Но Марта не двинулась с места.

— Я и без вещей уйду.

— Уходи! — Озолс бросил чемоданчик на траву. — Ты сбежишь, а мне куда? Тоже бежать? Христа ради к людям проситься? Обо мне ты хоть подумала?

Марта в нерешительности молчала.

— Дождись, по крайней мере, пока он на ноги встанет, — испуганно оглядываясь на окна, торопливо добавил Озолс. А я тем временем, глядишь, под крышу заберусь.

— Хорошо, — согласилась Марта. — Я останусь. Пока не снимут бинты. Но больше — ни дня!

Дверь в комнату Рихарда была открыта, Озолс заглянул. Лосберг, выпростав из-под одеяла забинтованные руки, медленно разгибал и сгибал пальцы.

— О, господин Лосберг, вы уже совсем молодцом!

Стараясь не стучать протезом, Озолс вошел в комнату, почтительно присел на краешек стула рядом с кроватью.

— У меня нынче тоже удачный день, — похвалился он. — С плотниками поладил, обещают до зимы под крышу подвести.

— Что-то вы рано расхрабрились. Побереглись бы, — заботливо заметил Рихард.

— Я-то что… Вот вам досталось. Беда… — А мне — только трубку пришлось выкинуть. Дыму наглотался на всю жизнь. Надо спешить. И так стесняем вас — неудобно.

— О чем вы говорите? Ваша дочь лечит меня лучше всяких врачей.

Озолс удовлетворенно хмыкнул, не спеша извлек из кармана лист бумаги.

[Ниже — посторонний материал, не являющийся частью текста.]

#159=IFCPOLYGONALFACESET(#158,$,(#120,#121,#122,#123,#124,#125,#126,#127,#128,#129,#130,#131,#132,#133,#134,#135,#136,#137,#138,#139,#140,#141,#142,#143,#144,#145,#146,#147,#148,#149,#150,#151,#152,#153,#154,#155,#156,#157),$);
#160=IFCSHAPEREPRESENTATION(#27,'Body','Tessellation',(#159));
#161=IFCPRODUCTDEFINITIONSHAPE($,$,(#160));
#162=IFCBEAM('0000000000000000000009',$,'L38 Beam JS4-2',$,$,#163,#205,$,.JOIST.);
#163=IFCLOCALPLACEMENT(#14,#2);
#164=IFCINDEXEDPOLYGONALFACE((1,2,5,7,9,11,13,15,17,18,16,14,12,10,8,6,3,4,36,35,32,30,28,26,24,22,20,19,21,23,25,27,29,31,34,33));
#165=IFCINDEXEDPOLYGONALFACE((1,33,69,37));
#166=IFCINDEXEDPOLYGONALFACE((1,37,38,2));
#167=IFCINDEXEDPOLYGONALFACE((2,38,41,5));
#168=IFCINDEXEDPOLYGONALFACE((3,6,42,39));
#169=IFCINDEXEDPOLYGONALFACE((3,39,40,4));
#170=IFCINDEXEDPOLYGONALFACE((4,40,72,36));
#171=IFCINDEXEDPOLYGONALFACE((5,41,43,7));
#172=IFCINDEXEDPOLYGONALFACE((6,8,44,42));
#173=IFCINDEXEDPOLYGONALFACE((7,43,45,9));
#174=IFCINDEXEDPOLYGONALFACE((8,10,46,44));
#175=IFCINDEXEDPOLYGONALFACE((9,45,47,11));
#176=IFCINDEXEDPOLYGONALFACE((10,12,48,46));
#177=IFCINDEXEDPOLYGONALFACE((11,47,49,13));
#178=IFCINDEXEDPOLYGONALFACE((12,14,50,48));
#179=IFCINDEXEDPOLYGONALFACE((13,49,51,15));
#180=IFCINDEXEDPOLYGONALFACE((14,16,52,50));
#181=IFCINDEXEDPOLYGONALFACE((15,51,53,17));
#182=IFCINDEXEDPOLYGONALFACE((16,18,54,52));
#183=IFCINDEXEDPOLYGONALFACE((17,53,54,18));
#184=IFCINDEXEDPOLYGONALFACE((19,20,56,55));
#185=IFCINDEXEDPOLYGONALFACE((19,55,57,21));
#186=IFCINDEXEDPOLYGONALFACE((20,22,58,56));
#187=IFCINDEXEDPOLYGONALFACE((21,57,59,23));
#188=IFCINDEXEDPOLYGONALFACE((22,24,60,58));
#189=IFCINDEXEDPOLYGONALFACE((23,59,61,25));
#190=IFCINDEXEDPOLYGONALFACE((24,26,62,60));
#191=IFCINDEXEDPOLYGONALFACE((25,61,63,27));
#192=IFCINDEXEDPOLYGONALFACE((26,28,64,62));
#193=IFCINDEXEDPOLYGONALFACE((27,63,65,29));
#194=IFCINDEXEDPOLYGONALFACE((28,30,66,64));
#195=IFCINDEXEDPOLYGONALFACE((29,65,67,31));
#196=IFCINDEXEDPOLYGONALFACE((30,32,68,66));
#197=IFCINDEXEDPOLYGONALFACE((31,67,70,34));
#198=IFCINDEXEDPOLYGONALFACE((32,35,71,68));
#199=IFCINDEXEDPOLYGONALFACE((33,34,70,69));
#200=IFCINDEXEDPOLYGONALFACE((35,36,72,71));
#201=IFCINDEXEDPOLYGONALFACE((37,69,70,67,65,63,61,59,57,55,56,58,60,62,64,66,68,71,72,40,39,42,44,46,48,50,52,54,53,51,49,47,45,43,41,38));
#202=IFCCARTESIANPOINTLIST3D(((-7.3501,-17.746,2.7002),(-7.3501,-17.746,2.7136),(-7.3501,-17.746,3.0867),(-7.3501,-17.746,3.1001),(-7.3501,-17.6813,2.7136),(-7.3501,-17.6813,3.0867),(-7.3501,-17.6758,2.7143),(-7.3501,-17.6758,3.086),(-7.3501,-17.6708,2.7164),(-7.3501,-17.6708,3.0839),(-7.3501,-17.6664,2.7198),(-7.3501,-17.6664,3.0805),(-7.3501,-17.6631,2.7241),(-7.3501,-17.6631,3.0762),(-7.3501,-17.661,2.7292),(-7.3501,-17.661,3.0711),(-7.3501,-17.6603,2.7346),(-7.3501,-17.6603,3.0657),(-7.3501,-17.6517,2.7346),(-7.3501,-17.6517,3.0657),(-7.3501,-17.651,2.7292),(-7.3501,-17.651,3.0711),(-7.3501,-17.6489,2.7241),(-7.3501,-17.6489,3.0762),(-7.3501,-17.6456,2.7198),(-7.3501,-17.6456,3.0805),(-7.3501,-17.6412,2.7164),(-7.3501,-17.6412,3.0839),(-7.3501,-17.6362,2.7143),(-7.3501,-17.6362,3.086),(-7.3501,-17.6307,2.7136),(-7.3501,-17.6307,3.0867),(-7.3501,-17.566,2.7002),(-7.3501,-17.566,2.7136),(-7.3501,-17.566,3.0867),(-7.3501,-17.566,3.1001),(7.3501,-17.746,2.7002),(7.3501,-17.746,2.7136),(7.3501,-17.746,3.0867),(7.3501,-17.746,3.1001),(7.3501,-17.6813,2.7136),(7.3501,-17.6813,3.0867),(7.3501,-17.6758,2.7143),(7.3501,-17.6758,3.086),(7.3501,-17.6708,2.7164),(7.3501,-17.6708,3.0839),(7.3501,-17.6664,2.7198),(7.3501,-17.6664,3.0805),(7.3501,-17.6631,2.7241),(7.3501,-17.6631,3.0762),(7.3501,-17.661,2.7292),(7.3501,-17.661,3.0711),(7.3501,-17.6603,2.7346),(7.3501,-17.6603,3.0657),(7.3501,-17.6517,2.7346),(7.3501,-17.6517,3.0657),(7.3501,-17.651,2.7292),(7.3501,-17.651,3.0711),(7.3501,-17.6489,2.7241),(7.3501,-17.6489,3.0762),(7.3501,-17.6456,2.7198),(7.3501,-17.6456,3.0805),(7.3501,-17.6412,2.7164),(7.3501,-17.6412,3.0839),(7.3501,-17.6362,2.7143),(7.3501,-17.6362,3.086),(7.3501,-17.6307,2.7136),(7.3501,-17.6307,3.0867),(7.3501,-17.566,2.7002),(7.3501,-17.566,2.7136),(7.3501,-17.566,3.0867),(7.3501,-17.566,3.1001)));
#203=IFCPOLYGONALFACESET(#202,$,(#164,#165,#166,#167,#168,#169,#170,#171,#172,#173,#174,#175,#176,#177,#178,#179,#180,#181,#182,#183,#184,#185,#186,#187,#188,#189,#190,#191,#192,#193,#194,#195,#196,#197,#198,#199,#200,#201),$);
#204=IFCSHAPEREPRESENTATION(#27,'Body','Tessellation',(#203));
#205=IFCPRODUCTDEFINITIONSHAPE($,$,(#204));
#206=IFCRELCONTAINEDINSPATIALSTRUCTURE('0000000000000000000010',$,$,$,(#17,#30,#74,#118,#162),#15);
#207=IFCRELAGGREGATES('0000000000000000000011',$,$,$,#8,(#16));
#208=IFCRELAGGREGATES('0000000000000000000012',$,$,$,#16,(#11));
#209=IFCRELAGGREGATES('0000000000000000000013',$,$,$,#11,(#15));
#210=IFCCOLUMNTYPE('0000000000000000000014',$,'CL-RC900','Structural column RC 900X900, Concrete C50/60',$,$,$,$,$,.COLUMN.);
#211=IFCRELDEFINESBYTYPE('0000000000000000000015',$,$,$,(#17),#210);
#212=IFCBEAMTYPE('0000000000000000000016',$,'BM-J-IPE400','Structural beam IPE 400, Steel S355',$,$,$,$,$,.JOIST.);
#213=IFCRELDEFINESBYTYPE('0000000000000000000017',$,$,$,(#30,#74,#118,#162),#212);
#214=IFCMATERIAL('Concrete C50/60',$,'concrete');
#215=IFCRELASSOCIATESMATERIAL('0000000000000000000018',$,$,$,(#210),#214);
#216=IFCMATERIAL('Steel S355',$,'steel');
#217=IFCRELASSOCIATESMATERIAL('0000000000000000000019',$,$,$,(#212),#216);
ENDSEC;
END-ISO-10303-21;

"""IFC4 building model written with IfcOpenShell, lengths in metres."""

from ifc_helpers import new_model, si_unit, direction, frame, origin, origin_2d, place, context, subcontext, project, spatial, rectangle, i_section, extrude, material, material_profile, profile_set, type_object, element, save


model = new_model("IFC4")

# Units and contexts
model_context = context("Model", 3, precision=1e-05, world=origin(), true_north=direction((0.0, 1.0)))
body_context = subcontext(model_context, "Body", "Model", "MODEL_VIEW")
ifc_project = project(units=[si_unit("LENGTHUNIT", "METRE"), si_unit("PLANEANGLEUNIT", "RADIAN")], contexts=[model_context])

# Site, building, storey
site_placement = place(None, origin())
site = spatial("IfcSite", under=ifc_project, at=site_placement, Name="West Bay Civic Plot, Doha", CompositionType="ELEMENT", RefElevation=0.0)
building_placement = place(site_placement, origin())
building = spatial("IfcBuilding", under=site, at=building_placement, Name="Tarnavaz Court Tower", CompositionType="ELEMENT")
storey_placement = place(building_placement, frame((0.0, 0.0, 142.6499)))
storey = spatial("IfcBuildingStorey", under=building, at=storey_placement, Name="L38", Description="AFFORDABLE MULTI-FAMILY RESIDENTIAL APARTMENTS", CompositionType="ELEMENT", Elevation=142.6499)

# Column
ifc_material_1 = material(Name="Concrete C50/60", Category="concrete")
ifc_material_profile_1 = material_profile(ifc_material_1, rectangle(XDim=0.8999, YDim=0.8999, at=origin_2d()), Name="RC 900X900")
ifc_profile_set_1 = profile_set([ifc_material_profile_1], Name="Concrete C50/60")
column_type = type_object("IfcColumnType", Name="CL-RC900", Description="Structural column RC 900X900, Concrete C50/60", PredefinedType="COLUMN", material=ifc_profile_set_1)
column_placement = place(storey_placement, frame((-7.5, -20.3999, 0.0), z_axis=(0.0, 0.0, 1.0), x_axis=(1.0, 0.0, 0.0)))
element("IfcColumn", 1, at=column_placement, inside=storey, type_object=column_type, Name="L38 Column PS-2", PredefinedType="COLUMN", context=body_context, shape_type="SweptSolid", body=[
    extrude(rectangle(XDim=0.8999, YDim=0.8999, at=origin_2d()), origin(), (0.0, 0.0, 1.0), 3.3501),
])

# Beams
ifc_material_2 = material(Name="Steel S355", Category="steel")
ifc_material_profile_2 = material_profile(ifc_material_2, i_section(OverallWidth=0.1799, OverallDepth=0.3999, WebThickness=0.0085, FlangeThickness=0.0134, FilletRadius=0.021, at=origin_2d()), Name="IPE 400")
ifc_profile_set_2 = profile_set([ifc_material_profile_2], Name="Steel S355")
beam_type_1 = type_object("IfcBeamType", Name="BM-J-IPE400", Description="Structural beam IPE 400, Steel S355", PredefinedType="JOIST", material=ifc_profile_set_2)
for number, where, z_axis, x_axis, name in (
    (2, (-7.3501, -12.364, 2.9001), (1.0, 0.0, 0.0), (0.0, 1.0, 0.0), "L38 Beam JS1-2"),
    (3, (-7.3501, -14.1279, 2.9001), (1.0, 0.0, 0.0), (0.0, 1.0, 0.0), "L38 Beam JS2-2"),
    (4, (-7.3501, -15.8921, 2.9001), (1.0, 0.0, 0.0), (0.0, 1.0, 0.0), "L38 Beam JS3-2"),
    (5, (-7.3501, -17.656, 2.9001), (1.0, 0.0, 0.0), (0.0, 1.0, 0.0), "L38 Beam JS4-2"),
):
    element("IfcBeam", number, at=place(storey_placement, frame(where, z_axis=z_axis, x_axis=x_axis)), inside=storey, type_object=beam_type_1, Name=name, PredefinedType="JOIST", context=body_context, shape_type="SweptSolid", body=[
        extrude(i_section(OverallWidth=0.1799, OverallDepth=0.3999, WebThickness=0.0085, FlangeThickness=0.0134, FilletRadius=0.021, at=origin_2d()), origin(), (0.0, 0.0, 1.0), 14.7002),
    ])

— Вот, была страховая комиссия. Так ничего и не установила. А в поселке думают, что это поджог.

Рихард удивленно посмотрел на старика.

— А что, разве сложно? Подкинул паклю на чердак — и все. Тлеет себе помаленьку, а сам уже далеко. И концы в воду.

Лосберг задумчиво прищурился, словно не решаясь разгадать намек.

— Кому вы помешали?

— Да, видно, уж помешал. Рассчитался кто-то сполна.

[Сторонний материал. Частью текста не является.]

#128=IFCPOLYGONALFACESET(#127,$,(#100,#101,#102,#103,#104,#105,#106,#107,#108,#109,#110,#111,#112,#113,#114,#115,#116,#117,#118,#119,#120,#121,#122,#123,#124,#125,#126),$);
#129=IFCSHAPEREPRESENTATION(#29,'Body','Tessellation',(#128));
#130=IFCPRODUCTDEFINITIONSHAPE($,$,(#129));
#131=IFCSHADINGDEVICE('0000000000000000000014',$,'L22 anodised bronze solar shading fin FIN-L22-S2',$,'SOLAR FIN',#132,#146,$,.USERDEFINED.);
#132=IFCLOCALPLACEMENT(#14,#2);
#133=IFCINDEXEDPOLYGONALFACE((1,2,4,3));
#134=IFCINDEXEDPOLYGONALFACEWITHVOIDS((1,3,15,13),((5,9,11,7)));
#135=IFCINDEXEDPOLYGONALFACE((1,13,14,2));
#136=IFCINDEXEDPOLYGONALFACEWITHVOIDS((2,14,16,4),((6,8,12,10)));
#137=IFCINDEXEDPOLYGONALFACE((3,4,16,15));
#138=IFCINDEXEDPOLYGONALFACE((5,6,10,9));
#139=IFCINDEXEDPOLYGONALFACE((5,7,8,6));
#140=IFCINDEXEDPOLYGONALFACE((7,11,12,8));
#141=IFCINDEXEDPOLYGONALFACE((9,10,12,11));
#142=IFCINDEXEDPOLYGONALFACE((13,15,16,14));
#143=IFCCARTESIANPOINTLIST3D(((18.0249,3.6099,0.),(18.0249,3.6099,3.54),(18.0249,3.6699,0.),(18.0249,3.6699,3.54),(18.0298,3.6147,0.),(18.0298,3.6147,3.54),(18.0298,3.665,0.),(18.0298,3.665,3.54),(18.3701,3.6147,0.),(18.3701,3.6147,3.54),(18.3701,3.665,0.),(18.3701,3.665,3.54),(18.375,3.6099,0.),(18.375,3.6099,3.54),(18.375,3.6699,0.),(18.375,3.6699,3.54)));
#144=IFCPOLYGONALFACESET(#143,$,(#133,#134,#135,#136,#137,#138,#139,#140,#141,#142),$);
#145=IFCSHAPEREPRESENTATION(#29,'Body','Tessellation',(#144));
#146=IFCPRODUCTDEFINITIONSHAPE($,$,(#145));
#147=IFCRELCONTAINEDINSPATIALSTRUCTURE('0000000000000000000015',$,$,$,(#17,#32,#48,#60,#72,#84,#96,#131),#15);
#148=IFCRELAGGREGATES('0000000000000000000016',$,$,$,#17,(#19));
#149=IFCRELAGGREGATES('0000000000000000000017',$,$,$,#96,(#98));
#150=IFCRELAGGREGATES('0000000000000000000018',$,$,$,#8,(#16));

Рихард долго молчал, затем многозначительно проговорил:

— Может, вы и правы. В душе человеческой есть очень глубокие тайники.

Поздно вечером Зента, управившись с делами, сидела ка кухне. В очках, в наброшенном на плечи теплом платке, она склонилась над библией, шепотом повторяя сотни раз читаные строки. В окно стучал дождь, шумел, гулял, неистовствовал ветер. В доме было тепло, потрескивал огонь в плите. Зента так увлеклась, что не слышала, как открылась дверь. Остановившись на пороге, Артур — в мокром брезентовом дождевике, с чемоданчиком — улыбаясь, смотрел на мать. На лучики морщин вокруг глаз, на рано побелевшие волосы, на загрубевшие в работе пальцы, бережно листающие пожелтевшие страницы. Подошел, осторожно обнял ее за плечи.